Proxy season has begun and, again, investors should notice what should be a disquieting pattern of information presentation. To begin with, it seems that an inordinate amount of space is devoted to executive compensation leading to a non-binding vote. The notion that, through the vote shareholders have a real say in the important issues involving corporate governance only becomes apparently ridiculous after reading through the proxy material.
Without naming names (you know who they are), companies that experienced significant reduction in share values in the period from 2008 through 2013 did not seem to reflect any comparable reduction in executive compensation. Instead, compensation appears to have increased over that time period. And, even if an individual shareholder was unhappy with the compensation packages, a NO vote by an individual shareholder is useless as a governance tool as it is non-binding. Millions of shares in corporate America are owned by institutions and, unless they, jointly take action to protest executive compensation nothing will happen.
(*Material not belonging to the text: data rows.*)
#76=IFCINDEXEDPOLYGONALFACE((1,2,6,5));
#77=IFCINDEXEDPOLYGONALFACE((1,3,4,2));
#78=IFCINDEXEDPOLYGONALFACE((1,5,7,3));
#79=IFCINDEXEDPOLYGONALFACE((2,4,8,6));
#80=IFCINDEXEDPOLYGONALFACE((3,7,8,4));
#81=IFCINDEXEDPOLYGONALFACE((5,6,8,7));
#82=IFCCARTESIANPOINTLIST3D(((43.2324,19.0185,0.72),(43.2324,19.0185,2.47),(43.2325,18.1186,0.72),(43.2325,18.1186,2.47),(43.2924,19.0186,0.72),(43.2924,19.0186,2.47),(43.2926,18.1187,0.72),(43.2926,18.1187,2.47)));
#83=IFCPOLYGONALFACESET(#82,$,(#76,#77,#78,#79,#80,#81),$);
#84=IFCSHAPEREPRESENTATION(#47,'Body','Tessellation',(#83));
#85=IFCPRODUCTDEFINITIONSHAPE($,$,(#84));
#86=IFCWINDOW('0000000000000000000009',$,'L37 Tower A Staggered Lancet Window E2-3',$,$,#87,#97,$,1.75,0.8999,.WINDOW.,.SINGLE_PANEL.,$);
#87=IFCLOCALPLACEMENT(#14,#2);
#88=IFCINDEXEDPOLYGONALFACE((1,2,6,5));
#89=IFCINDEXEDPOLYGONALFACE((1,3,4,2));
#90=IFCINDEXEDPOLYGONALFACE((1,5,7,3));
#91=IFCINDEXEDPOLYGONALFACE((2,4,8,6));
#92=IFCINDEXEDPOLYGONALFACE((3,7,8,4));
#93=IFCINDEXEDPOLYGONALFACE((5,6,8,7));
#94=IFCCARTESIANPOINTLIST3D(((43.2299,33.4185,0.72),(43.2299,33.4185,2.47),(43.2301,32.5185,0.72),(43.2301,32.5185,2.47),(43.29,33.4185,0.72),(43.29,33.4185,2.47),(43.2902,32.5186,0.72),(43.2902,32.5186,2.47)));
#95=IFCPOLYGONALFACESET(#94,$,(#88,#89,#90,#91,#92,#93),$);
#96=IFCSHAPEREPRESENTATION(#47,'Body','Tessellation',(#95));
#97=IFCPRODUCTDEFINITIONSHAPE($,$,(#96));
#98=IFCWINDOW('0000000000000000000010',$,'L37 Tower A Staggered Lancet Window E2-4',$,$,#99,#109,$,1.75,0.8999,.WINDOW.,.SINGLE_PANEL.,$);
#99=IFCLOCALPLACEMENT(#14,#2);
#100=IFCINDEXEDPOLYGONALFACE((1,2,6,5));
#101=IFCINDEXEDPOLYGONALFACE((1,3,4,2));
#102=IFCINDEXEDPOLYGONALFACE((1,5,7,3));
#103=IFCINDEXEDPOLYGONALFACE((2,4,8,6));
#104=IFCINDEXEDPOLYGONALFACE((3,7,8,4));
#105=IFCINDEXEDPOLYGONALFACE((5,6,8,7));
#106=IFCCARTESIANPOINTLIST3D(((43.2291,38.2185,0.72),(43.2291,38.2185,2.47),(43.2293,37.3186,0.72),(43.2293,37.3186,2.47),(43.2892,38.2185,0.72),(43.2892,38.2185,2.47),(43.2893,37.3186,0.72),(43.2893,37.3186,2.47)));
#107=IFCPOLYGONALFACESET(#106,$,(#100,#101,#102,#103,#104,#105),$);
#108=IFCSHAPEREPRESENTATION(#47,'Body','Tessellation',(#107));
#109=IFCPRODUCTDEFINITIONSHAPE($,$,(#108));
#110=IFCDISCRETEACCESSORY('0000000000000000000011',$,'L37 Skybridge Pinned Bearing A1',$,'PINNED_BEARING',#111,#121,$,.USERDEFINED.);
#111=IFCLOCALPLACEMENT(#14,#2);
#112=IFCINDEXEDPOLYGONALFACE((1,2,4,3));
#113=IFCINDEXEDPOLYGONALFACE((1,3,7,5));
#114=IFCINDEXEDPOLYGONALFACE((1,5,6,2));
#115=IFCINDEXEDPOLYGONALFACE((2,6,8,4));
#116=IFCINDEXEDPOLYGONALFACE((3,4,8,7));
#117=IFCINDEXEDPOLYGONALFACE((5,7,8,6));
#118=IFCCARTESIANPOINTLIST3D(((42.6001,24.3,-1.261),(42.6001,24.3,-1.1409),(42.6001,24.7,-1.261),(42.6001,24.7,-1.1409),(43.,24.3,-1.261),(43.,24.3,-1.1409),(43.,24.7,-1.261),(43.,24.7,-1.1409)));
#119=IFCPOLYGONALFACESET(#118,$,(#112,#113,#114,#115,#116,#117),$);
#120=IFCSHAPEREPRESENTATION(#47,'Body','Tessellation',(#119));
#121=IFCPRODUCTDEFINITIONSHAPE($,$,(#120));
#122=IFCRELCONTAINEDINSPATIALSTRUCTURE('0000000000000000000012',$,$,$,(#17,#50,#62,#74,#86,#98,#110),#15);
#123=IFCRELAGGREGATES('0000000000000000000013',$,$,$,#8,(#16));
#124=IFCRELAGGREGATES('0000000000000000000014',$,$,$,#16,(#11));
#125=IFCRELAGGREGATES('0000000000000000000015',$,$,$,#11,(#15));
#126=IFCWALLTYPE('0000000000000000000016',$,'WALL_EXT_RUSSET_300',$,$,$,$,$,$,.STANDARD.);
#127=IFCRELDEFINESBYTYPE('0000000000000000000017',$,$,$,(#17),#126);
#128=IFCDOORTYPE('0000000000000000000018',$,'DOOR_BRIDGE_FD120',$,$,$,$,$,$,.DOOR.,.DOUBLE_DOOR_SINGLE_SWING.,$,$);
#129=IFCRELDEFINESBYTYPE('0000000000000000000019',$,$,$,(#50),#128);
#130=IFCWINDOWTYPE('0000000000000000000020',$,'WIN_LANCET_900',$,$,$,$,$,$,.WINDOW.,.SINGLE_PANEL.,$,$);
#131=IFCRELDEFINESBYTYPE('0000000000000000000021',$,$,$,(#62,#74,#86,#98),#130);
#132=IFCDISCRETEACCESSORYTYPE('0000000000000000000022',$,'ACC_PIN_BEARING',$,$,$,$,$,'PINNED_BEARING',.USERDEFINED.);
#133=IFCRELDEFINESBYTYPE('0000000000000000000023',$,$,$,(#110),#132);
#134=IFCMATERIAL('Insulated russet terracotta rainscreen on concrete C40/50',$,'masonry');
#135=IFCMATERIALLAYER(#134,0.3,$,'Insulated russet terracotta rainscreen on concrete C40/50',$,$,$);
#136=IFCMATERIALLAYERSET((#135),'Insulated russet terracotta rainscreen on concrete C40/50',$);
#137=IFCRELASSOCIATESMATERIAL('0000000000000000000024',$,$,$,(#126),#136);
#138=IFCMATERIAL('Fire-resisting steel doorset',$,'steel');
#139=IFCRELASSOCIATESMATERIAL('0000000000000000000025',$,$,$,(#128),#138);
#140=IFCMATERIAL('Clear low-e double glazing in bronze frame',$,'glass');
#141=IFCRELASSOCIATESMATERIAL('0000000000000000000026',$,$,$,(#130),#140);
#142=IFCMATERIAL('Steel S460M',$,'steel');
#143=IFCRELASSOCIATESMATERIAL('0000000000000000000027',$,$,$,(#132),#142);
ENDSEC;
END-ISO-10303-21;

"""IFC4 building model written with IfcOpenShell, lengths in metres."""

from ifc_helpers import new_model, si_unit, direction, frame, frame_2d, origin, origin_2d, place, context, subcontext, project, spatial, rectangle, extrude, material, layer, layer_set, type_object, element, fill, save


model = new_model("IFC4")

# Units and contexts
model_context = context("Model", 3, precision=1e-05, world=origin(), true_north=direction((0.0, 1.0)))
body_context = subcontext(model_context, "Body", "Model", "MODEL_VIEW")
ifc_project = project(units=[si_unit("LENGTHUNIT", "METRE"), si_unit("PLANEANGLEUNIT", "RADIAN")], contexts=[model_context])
Despite the overly generous rewards to corporate executives the proxy material does not provide any disclosure of the specific contributions of the executives being rewarded that would justify their compensation levels. Shareholders must just accept, on faith alone, that they are worth it. Yet, only in rare instances are the compensations of the few the most important part of the profit picture. Today’s CEO’s have become America’s royalty with all of the accompanying perks.
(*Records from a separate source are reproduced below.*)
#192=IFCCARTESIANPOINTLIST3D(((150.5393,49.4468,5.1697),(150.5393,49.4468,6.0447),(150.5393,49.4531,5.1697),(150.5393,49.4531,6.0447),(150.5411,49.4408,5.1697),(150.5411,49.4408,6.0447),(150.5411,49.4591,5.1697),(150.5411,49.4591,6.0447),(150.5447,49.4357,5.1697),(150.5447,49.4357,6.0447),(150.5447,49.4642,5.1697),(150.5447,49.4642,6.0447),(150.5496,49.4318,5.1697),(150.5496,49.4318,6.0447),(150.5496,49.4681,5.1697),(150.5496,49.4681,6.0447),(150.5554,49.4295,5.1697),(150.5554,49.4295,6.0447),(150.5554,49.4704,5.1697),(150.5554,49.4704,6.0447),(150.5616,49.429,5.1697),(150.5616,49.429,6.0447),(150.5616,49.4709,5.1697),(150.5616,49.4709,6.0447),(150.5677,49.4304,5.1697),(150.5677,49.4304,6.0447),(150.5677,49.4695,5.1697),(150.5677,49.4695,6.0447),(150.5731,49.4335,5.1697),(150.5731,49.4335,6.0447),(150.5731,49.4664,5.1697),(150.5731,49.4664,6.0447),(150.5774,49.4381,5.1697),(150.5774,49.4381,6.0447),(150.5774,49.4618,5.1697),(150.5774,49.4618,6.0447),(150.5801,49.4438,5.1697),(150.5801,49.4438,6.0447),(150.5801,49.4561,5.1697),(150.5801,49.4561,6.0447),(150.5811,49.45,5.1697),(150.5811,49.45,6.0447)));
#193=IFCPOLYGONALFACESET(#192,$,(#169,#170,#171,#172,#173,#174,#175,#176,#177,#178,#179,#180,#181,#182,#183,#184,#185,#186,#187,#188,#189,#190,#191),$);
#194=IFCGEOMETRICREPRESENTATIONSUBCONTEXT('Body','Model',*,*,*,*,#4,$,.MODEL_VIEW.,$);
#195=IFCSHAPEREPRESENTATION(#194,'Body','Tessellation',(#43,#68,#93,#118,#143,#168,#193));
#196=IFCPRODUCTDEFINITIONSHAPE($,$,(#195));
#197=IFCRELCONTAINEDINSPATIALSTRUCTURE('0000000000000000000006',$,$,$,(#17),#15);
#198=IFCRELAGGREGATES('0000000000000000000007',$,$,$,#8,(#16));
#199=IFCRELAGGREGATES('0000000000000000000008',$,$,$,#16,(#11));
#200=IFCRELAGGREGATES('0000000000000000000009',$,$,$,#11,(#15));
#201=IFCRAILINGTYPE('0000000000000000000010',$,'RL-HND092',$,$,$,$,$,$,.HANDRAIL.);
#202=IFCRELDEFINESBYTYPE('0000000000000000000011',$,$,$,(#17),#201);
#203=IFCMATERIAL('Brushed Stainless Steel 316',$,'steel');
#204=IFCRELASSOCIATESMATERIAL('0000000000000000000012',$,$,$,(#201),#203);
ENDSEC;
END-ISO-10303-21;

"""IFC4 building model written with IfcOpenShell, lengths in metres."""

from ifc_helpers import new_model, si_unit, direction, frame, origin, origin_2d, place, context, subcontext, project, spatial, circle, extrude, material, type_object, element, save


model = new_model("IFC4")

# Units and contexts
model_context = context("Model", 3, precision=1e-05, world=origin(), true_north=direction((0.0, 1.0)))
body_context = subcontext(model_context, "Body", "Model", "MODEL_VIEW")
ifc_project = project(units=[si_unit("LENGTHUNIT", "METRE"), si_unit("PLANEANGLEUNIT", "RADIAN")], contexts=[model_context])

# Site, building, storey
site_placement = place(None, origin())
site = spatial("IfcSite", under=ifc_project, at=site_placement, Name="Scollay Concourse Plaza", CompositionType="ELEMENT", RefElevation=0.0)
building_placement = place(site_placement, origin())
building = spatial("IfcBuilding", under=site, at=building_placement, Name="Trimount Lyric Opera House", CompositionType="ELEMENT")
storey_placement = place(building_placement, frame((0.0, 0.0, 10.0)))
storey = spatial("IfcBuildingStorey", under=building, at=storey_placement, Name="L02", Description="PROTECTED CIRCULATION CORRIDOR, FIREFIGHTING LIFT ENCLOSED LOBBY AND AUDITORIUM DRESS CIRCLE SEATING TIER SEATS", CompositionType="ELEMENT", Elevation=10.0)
It is also interesting to read the “shareholder proposals” and recognize that very few, if any, ever obtain a management recommendation for a yes vote. Management always seems to be able to write a detailed argument for voting against the shareholder proposals no matter how meritorious they may be and rarely does management ever present its own proposal covering the same issue.
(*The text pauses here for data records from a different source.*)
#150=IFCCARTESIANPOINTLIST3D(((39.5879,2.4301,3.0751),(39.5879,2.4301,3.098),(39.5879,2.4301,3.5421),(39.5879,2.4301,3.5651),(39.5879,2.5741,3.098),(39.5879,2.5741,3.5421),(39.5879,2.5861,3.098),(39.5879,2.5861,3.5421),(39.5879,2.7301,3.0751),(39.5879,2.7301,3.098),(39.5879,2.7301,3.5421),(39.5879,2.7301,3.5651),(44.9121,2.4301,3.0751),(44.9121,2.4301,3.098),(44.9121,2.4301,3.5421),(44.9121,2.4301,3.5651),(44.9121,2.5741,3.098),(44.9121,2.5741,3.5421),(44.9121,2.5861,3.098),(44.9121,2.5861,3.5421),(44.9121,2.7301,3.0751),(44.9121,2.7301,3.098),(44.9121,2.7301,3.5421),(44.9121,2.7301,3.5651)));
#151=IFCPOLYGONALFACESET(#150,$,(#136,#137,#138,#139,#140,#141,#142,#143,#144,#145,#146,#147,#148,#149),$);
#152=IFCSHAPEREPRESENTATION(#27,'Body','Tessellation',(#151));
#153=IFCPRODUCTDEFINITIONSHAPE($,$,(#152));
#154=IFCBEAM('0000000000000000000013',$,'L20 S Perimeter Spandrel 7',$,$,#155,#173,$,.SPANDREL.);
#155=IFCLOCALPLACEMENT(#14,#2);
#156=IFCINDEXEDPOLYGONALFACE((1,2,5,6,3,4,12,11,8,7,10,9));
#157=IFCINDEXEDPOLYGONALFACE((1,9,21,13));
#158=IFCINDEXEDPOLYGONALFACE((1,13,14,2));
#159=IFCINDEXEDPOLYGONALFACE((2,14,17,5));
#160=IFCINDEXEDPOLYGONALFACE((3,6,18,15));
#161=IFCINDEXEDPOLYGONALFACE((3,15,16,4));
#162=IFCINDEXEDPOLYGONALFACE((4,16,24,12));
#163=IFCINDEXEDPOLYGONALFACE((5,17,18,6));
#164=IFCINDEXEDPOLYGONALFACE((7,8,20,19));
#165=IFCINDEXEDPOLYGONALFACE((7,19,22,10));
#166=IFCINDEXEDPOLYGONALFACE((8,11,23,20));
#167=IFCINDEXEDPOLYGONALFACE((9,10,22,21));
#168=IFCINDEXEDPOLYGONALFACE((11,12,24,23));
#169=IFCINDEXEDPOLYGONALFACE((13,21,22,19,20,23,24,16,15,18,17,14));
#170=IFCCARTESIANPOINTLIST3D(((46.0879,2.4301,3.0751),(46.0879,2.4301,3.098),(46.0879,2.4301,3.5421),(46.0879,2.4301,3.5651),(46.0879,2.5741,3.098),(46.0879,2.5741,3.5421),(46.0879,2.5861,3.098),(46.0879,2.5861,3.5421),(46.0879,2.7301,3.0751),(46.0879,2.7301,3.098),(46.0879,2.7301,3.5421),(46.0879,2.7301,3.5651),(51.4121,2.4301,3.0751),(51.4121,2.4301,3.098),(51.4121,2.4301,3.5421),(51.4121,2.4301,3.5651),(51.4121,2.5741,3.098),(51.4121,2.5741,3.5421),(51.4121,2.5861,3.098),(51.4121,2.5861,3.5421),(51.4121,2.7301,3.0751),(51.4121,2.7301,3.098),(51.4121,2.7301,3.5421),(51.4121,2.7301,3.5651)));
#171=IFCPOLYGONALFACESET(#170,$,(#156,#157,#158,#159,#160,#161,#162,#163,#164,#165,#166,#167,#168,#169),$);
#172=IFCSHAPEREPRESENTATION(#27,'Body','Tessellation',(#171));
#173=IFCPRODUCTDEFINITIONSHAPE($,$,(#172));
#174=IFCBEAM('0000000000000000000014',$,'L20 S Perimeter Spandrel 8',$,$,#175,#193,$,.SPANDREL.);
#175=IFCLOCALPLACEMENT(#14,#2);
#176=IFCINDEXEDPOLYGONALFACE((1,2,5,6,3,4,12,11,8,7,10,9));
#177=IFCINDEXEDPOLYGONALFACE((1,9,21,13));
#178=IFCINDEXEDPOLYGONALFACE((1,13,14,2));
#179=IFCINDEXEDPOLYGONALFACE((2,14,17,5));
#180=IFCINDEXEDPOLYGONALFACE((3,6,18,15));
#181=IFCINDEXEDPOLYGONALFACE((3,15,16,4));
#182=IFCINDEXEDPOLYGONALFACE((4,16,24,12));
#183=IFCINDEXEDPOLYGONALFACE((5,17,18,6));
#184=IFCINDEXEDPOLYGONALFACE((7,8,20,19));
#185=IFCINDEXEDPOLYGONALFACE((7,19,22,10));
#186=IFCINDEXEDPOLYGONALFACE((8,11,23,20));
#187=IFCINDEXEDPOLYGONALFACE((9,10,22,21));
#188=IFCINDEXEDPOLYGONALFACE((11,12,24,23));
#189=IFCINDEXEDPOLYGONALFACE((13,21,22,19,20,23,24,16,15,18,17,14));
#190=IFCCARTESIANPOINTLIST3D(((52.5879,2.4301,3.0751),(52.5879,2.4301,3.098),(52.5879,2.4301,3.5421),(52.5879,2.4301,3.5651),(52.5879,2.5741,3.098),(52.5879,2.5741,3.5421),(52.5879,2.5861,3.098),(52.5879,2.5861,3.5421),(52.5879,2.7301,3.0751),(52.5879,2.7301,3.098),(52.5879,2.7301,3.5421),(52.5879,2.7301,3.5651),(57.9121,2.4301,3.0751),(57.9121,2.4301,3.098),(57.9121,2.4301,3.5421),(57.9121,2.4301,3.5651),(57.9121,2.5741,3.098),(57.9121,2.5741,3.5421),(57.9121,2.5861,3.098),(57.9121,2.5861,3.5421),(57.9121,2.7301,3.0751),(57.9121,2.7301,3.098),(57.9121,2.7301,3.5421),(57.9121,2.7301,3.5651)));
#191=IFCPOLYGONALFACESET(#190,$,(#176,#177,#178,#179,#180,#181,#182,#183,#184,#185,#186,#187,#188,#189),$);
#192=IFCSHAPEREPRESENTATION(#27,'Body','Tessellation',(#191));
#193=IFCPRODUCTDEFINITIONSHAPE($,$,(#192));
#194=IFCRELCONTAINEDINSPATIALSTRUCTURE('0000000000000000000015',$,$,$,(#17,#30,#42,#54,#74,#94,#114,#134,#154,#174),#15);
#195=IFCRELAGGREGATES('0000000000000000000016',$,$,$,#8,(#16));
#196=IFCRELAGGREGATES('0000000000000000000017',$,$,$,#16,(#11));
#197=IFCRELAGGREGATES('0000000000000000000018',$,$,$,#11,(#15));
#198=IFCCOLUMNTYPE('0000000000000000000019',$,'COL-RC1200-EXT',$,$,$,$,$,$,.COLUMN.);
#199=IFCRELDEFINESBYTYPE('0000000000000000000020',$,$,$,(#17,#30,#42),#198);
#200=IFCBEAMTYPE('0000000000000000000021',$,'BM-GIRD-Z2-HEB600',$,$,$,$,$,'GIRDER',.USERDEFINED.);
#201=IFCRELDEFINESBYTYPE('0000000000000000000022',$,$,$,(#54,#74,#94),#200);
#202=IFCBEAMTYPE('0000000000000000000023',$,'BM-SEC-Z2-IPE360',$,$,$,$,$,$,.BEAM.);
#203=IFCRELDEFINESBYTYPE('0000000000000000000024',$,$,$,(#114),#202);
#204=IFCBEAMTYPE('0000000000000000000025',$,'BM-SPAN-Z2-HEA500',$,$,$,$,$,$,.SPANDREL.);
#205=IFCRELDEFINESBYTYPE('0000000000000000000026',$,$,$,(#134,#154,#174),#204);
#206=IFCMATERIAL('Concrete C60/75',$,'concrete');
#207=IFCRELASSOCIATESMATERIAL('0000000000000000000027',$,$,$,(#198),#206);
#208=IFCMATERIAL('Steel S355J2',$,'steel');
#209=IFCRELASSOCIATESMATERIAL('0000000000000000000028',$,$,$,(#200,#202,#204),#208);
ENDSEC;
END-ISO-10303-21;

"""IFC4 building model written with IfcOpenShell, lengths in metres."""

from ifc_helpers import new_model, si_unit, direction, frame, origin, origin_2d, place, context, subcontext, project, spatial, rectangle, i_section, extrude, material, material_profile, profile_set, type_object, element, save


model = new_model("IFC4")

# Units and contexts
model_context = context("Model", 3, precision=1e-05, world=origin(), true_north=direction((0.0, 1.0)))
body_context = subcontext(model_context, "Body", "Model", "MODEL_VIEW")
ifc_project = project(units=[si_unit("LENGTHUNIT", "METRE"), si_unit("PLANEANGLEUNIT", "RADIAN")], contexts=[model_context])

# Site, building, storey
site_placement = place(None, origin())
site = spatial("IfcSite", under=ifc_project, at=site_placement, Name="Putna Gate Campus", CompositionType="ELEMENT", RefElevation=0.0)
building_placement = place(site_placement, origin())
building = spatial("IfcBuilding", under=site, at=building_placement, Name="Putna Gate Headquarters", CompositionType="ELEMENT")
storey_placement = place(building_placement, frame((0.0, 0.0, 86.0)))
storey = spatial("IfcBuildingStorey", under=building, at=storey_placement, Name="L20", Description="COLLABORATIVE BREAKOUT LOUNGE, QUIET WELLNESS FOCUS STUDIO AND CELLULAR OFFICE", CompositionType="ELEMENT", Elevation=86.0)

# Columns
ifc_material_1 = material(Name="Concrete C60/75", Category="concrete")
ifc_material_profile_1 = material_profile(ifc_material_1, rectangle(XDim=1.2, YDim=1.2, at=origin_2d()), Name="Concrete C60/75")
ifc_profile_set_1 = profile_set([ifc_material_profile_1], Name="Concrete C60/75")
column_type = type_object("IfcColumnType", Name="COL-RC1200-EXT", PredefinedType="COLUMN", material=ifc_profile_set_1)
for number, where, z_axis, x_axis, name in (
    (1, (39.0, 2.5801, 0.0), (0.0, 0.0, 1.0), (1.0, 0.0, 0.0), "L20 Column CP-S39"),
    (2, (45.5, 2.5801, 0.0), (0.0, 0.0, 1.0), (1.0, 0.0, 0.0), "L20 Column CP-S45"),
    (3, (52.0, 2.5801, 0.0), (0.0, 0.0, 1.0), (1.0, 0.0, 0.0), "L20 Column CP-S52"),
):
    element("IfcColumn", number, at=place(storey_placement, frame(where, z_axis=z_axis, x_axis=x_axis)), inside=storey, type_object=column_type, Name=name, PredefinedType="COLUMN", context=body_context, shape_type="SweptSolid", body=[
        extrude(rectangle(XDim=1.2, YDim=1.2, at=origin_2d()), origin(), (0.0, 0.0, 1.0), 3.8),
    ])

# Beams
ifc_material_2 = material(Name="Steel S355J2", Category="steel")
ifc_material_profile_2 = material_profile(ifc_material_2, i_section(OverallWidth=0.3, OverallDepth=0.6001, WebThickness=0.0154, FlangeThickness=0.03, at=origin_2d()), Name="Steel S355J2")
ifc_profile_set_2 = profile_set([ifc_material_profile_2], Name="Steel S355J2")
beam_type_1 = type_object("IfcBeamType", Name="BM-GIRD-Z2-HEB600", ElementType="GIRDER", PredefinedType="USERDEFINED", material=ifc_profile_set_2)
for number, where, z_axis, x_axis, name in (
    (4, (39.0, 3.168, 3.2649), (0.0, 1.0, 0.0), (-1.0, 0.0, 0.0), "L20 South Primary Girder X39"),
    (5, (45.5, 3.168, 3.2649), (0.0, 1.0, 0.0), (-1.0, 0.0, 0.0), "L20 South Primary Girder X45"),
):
Shareholders should question whether or not the “independent directors” are really “independent” or just go along with management recommendations. There are too few examples of directors challenging or opposing the recommendations of the CEO and executive management team to convince shareholders of independence. Rarely, when shareholders are asked to vote for directors (new or re-elected) are they provided information detailing the expertise of the nominees that would be most helpful in managing the company. More attention seems to be paid to “politically correct” nominees.
Despite attempts of the regulator to “level the playing field”, the investing game remains the province of the institutions and traders. The market is a trader’s market with high speed trading adding a level of de-stabilization and leading to the ability of a few to “front run” the market. Despite regulation attempts to cause full disclosure, the typical individual gets his or her information long after the “professionals” received theirs and, more importantly, long after the critical time to take action on the information.
Years ago, before the “information age” investors bought shares for the long term and what happened on a quarter to quarter basis was not the driving force. Brokers advised clients to buy a stock and “just put it away”. It those days that was a good strategy. But, now the entire focus of the market is short term with little, if any, discussion on investing in a security for the long term. This short term focus is not beneficial to the typical individual investor but rewards the short term trading accounts.
Unfortunately, this is the environment within which individual shareholders are asked to vote their proxies. It is very difficult to come up with a plan to cure the negative governance and market problems but it may be worth the effort to try.